This "Recent Repair" was kindly contributed by Nigel Hughes.
Around 1929, several manufacturers produced four valve "suitcase" battery TRF portables, of which this Halcyon is one example. It uses a screen grid RF stage, and triode detector, AF amplifier and output stages with 2 Volt heaters. HT is 99 volts, with a 56 volt tapping for the screen grid. The aerial is a large frame aerial mounted in the lid. The lid also contains a 12" cone moving iron loudspeaker. Controls are separate tuning condensers for the Aerial and detector circuits, a variable condenser for "reaction" control on the detector and a wavechange switch marked "Long Waves", "Short Waves" and "Off". In 1929, what we call Medium Wave was called Short wave.
As found, the radio had only three valves, only one with markings. The screen grid valve envelope was not only loose on its base, but the leads were all broken. I started from Paul's Valve Data CD-ROM and found likely type numbers for each stage. I then went hunting to Philip Knighton's shop in Wellington and rummaged through his collection of used valves to find similar types to those I had chosen. Philip rightly advised that the set would be very tolerant of substitute valves and I came away with a 215SG RF stage, a PM1A detector, PM2HL Audio stage and 220P Output. Although I had no circuit diagram, I found the circuit to be very simple, with few components.
The battery leads were marked with tags indicating the required voltages, so I made up a grid bias battery from AA cells, an HT battery from 9 Volt dry batteries and bought a 2 volt sealed lead-acid rechargeable for the heaters. A quick check of HT insulation showed the one and only HT decoupling condenser to be leaky. It was a can type waxed paper job, so open the can, dig out the innards and replace with modern polyester component and seal up again. Connecting up the batteries and switching on yielded precisely nothing.
I checked presence of heater voltage at each valveholder and confirmed heater current for each valve. However, no HT was reaching the anodes of the audio and output stages. To my horror, the intervalve audio coupling transformer was open circuit, as was the loudspeaker winding. The intervalve transformer was a beautiful looking ebonite cased job by Igranic. I carefully drilled out the rivets holding the base to the casing and extracted the transformer core and coils. It was a 3:1 step up transformer wound with wire of 40 gauge or finer. I decided that rewinding was beyond me and looked for a replacement.
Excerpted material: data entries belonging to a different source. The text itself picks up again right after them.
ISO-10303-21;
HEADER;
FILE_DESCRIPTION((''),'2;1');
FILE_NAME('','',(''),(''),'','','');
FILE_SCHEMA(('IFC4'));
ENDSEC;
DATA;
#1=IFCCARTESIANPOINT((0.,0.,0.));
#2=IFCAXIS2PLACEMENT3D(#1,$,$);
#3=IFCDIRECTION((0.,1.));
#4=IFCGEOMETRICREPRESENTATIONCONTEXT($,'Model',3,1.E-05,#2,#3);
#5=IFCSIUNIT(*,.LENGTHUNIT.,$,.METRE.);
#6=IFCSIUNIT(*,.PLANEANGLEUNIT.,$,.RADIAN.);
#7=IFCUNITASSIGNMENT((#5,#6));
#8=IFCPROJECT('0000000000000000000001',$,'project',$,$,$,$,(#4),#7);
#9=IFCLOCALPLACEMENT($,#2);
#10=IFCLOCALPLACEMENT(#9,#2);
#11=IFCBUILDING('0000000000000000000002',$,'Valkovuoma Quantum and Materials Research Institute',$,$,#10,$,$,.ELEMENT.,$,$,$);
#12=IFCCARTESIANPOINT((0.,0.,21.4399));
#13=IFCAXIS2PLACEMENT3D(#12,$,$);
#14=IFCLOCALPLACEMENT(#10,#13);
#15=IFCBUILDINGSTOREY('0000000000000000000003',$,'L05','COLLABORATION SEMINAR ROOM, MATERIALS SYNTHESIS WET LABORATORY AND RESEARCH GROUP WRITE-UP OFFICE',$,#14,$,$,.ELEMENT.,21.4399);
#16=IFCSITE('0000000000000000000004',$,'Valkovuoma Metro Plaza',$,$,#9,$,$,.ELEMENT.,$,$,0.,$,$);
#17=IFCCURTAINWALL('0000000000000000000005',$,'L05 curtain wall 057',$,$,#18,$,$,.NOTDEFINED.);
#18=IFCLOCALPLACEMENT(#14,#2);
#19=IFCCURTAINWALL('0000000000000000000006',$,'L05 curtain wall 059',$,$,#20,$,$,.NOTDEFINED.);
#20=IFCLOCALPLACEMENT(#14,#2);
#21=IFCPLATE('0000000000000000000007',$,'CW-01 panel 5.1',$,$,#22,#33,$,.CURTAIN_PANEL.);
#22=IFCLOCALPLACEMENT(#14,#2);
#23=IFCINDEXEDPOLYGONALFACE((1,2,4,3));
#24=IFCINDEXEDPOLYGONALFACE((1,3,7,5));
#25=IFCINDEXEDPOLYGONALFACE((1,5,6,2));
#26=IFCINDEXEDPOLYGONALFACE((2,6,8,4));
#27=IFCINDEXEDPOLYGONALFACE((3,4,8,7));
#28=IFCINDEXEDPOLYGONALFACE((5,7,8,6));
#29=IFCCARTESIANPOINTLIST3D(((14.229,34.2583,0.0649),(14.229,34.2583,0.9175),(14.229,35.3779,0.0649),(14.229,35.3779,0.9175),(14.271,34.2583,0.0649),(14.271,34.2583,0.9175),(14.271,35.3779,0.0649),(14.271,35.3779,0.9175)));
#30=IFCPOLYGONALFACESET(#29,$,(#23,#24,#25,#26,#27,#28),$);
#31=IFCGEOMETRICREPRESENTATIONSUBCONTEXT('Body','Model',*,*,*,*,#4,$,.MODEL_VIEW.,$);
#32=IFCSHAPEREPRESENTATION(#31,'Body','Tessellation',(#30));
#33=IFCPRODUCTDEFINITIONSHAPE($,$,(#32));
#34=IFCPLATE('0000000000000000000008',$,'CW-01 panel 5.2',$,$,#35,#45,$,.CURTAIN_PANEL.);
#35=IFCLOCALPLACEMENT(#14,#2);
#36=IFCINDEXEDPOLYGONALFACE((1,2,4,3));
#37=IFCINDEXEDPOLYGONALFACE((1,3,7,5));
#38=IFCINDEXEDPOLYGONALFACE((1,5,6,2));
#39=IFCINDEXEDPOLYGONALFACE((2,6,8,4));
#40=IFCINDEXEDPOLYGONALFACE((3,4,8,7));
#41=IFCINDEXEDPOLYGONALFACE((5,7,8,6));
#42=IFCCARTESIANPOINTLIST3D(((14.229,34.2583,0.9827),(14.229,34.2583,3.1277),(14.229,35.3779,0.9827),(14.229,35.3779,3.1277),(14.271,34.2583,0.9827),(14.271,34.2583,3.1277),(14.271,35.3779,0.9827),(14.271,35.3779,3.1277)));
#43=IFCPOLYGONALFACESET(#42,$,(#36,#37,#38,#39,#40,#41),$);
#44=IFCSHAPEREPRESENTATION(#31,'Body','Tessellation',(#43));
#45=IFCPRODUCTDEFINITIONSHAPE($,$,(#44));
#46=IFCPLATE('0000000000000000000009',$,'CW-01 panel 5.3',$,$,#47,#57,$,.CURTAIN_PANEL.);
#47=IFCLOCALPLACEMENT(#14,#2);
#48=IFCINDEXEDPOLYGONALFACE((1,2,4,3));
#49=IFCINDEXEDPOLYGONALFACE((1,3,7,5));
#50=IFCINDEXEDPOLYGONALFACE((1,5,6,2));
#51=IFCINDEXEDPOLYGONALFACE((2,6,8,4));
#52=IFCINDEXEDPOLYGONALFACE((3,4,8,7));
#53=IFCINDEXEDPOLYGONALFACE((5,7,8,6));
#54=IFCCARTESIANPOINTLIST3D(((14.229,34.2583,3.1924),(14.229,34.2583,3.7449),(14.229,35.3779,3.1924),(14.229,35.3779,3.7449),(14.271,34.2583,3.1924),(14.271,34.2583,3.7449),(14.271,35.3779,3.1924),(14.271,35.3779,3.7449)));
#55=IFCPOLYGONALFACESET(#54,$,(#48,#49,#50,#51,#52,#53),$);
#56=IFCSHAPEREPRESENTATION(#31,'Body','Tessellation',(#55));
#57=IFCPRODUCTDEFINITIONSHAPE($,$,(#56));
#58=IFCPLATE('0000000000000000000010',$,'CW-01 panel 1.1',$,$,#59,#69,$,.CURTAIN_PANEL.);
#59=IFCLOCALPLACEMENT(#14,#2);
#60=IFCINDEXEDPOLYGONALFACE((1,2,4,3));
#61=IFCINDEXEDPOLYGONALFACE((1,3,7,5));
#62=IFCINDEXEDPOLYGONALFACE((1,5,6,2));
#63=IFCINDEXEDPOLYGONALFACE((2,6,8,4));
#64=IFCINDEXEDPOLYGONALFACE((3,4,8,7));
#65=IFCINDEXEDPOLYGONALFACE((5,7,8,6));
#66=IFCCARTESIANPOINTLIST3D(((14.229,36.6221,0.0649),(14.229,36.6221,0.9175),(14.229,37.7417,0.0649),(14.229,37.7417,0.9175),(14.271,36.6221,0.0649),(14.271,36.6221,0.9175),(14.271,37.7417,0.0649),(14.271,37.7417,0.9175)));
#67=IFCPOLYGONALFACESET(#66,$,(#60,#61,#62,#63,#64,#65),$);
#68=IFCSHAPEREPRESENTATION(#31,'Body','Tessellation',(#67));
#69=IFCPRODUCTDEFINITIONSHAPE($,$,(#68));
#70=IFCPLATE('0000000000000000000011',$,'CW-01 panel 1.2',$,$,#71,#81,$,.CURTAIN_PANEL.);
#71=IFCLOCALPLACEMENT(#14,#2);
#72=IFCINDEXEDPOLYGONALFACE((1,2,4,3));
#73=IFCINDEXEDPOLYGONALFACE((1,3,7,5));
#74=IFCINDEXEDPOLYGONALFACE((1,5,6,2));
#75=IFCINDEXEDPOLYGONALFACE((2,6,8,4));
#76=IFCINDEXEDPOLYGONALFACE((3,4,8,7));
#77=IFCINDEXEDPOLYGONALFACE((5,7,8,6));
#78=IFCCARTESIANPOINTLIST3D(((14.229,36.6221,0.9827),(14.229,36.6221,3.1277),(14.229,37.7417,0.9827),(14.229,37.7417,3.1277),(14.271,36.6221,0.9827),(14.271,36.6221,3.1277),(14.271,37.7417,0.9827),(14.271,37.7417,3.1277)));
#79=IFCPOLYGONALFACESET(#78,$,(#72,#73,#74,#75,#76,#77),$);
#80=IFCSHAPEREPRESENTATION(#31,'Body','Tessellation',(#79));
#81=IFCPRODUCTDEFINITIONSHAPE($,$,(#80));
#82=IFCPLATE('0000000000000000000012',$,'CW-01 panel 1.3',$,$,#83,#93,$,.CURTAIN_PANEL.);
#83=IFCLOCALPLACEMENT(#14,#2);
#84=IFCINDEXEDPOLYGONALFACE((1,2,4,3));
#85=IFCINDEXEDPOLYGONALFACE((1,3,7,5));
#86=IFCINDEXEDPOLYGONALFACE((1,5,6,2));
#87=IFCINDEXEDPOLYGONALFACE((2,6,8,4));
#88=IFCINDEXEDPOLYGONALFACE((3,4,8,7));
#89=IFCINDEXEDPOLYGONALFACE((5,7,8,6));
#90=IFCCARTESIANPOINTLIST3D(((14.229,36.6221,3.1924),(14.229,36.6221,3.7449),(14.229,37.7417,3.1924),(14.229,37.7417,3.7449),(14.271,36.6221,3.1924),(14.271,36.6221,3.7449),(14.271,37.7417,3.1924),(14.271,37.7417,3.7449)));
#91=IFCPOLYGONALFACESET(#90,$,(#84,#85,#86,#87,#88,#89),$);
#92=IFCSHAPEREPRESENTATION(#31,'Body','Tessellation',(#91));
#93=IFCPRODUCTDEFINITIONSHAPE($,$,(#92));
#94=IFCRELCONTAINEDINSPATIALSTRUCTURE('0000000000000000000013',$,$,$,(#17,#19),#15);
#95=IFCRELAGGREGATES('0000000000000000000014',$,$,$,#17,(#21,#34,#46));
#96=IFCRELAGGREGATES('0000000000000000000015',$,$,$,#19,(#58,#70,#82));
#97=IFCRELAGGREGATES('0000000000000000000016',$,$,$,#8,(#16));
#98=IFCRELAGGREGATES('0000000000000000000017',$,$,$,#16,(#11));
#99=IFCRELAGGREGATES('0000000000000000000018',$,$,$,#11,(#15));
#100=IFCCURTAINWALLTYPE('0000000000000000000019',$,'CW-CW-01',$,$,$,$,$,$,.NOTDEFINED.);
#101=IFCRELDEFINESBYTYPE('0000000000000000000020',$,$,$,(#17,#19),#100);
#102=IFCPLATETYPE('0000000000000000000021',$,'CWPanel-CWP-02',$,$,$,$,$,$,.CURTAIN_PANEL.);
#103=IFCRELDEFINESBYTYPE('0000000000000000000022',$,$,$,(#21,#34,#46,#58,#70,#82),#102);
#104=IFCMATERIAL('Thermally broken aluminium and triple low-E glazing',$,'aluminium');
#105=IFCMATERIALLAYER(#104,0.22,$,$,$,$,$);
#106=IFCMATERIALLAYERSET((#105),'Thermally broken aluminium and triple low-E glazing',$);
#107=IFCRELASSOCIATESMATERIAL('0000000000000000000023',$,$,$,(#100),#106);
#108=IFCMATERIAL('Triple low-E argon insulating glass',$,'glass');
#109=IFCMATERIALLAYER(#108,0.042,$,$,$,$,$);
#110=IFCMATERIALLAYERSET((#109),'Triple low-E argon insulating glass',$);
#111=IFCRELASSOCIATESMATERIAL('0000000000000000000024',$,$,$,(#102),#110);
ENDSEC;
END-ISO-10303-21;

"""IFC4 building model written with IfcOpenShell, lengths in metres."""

from ifc_helpers import new_model, si_unit, direction, frame, origin, origin_2d, place, context, subcontext, project, spatial, rectangle, extrude, material, layer, layer_set, type_object, element, aggregate, save


model = new_model("IFC4")

# Units and contexts
model_context = context("Model", 3, precision=1e-05, world=origin(), true_north=direction((0.0, 1.0)))
body_context = subcontext(model_context, "Body", "Model", "MODEL_VIEW")
ifc_project = project(units=[si_unit("LENGTHUNIT", "METRE"), si_unit("PLANEANGLEUNIT", "RADIAN")], contexts=[model_context])

# Site, building, storey
site_placement = place(None, origin())
site = spatial("IfcSite", under=ifc_project, at=site_placement, Name="Valkovuoma Metro Plaza", CompositionType="ELEMENT", RefElevation=0.0)
building_placement = place(site_placement, origin())
building = spatial("IfcBuilding", under=site, at=building_placement, Name="Valkovuoma Quantum and Materials Research Institute", CompositionType="ELEMENT")
storey_placement = place(building_placement, frame((0.0, 0.0, 21.4399)))
storey = spatial("IfcBuildingStorey", under=building, at=storey_placement, Name="L05", Description="COLLABORATION SEMINAR ROOM, MATERIALS SYNTHESIS WET LABORATORY AND RESEARCH GROUP WRITE-UP OFFICE", CompositionType="ELEMENT", Elevation=21.4399)

# Curtain wall
ifc_material_1 = material(Name="Thermally broken aluminium and triple low-E glazing", Category="aluminium")
ifc_layer_1 = layer(ifc_material_1, 0.22)
ifc_layer_set_1 = layer_set([ifc_layer_1], Name="Thermally broken aluminium and triple low-E glazing")
curtain_wall_type = type_object("IfcCurtainWallType", Name="CW-CW-01", PredefinedType="NOTDEFINED", material=ifc_layer_set_1)
curtain_wall_1_placement = place(storey_placement, origin())
curtain_wall_1 = element("IfcCurtainWall", 1, at=curtain_wall_1_placement, inside=storey, type_object=curtain_wall_type, Name="L05 curtain wall 057", PredefinedType="NOTDEFINED")

# Curtain wall
curtain_wall_2_placement = place(storey_placement, origin())
curtain_wall_2 = element("IfcCurtainWall", 2, at=curtain_wall_2_placement, inside=storey, type_object=curtain_wall_type, Name="L05 curtain wall 059", PredefinedType="NOTDEFINED")

# Plates
ifc_material_2 = material(Name="Triple low-E argon insulating glass", Category="glass")
ifc_layer_2 = layer(ifc_material_2, 0.042)
ifc_layer_set_2 = layer_set([ifc_layer_2], Name="Triple low-E argon insulating glass")
plate_type = type_object("IfcPlateType", Name="CWPanel-CWP-02", PredefinedType="CURTAIN_PANEL", material=ifc_layer_set_2)
plate_1_placement = place(storey_placement, frame((14.25, 34.8181, 0.0649), z_axis=(0.0, 0.0, 1.0), x_axis=(0.0, 1.0, 0.0)))
plate_1 = element("IfcPlate", 3, at=plate_1_placement, type_object=plate_type, Name="CW-01 panel 5.1", PredefinedType="CURTAIN_PANEL", context=body_context, shape_type="SweptSolid", body=[
    extrude(rectangle(XDim=1.1196, YDim=0.042, at=origin_2d()), origin(), (0.0, 0.0, 1.0), 0.8525),
])
plate_2_placement = place(storey_placement, frame((14.25, 34.8181, 0.9827), z_axis=(0.0, 0.0, 1.0), x_axis=(0.0, 1.0, 0.0)))
plate_2 = element("IfcPlate", 4, at=plate_2_placement, type_object=plate_type, Name="CW-01 panel 5.2", PredefinedType="CURTAIN_PANEL", context=body_context, shape_type="SweptSolid", body=[
    extrude(rectangle(XDim=1.1196, YDim=0.042, at=origin_2d()), origin(), (0.0, 0.0, 1.0), 2.145),
])
plate_3_placement = place(storey_placement, frame((14.25, 34.8181, 3.1924), z_axis=(0.0, 0.0, 1.0), x_axis=(0.0, 1.0, 0.0)))
plate_3 = element("IfcPlate", 5, at=plate_3_placement, type_object=plate_type, Name="CW-01 panel 5.3", PredefinedType="CURTAIN_PANEL", context=body_context, shape_type="SweptSolid", body=[
    extrude(rectangle(XDim=1.1196, YDim=0.042, at=origin_2d()), origin(), (0.0, 0.0, 1.0), 0.5525),
])
aggregate(curtain_wall_1, [plate_1, plate_2, plate_3])
plate_4_placement = place(storey_placement, frame((14.25, 37.1819, 0.0649), z_axis=(0.0, 0.0, 1.0), x_axis=(0.0, 1.0, 0.0)))
plate_4 = element("IfcPlate", 6, at=plate_4_placement, type_object=plate_type, Name="CW-01 panel 1.1", PredefinedType="CURTAIN_PANEL", context=body_context, shape_type="SweptSolid", body=[
    extrude(rectangle(XDim=1.1196, YDim=0.042, at=origin_2d()), origin(), (0.0, 0.0, 1.0), 0.8525),
])
plate_5_placement = place(storey_placement, frame((14.25, 37.1819, 0.9827), z_axis=(0.0, 0.0, 1.0), x_axis=(0.0, 1.0, 0.0)))
plate_5 = element("IfcPlate", 7, at=plate_5_placement, type_object=plate_type, Name="CW-01 panel 1.2", PredefinedType="CURTAIN_PANEL", context=body_context, shape_type="SweptSolid", body=[
    extrude(rectangle(XDim=1.1196, YDim=0.042, at=origin_2d()), origin(), (0.0, 0.0, 1.0), 2.145),
])
plate_6_placement = place(storey_placement, frame((14.25, 37.1819, 3.1924), z_axis=(0.0, 0.0, 1.0), x_axis=(0.0, 1.0, 0.0)))
plate_6 = element("IfcPlate", 8, at=plate_6_placement, type_object=plate_type, Name="CW-01 panel 1.3", PredefinedType="CURTAIN_PANEL", context=body_context, shape_type="SweptSolid", body=[
    extrude(rectangle(XDim=1.1196, YDim=0.042, at=origin_2d()), origin(), (0.0, 0.0, 1.0), 0.5525),
])
aggregate(curtain_wall_2, [plate_4, plate_5, plate_6])

save(model, "model.ifc")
No Joy.
OK, so I decided to retain the transformer casing, leave out the core and windings and substitute an anode load resistor for the audio stage, a coupling capacitor and a grid leak resistor for the output stage. I chose a 220K anode load, 0.5 Meg Ohm grid leak and 0.1 microfarad coupling capacitor, which work fine. With the speaker, I was lucky. The high impedance coil was again in 40 gauge or smaller, but I found that there was a break in the winding near the outside and I was able to reconnect to the existing winding.
The mahogany battery box had suffered from acid spillage from the original LT accumulator. Wood had to be cut away and new pieces grafted into place and French polished to match the original. The battery compartment cover (at the back of the radio) was missing. I made a new one from wood salvaged from an old front door, cut and planed to size and stained and polished to match the box. The detector is in the central screened box. This was polished and a new retaining screw made up to match the surviving one. The engraving on tuning dials, wavechange and reaction controls had lost its filler. A white engravers filler stick was rubbed over all engraving and the surplus polished off with a duster. The result was very satisfying.
The radio now works very well, is sensitive and remarkably loud bearing in mind that it has a total HT current drain of less that 10 mA. The detector and audio valves can be swapped over without any significant effect, proving the tolerance of this type of circuit. The reaction control has to be set just below the point of self oscillation to provide selectivity and, even then, long wave is dominated by splatter from Droitwich. However, turning the frame aerial to reject strong interfering stations helps a lot. The loudspeaker sounds much better than the horn speakers which had been used in the late 1920s but the stiff armature means that there is very little bass audible.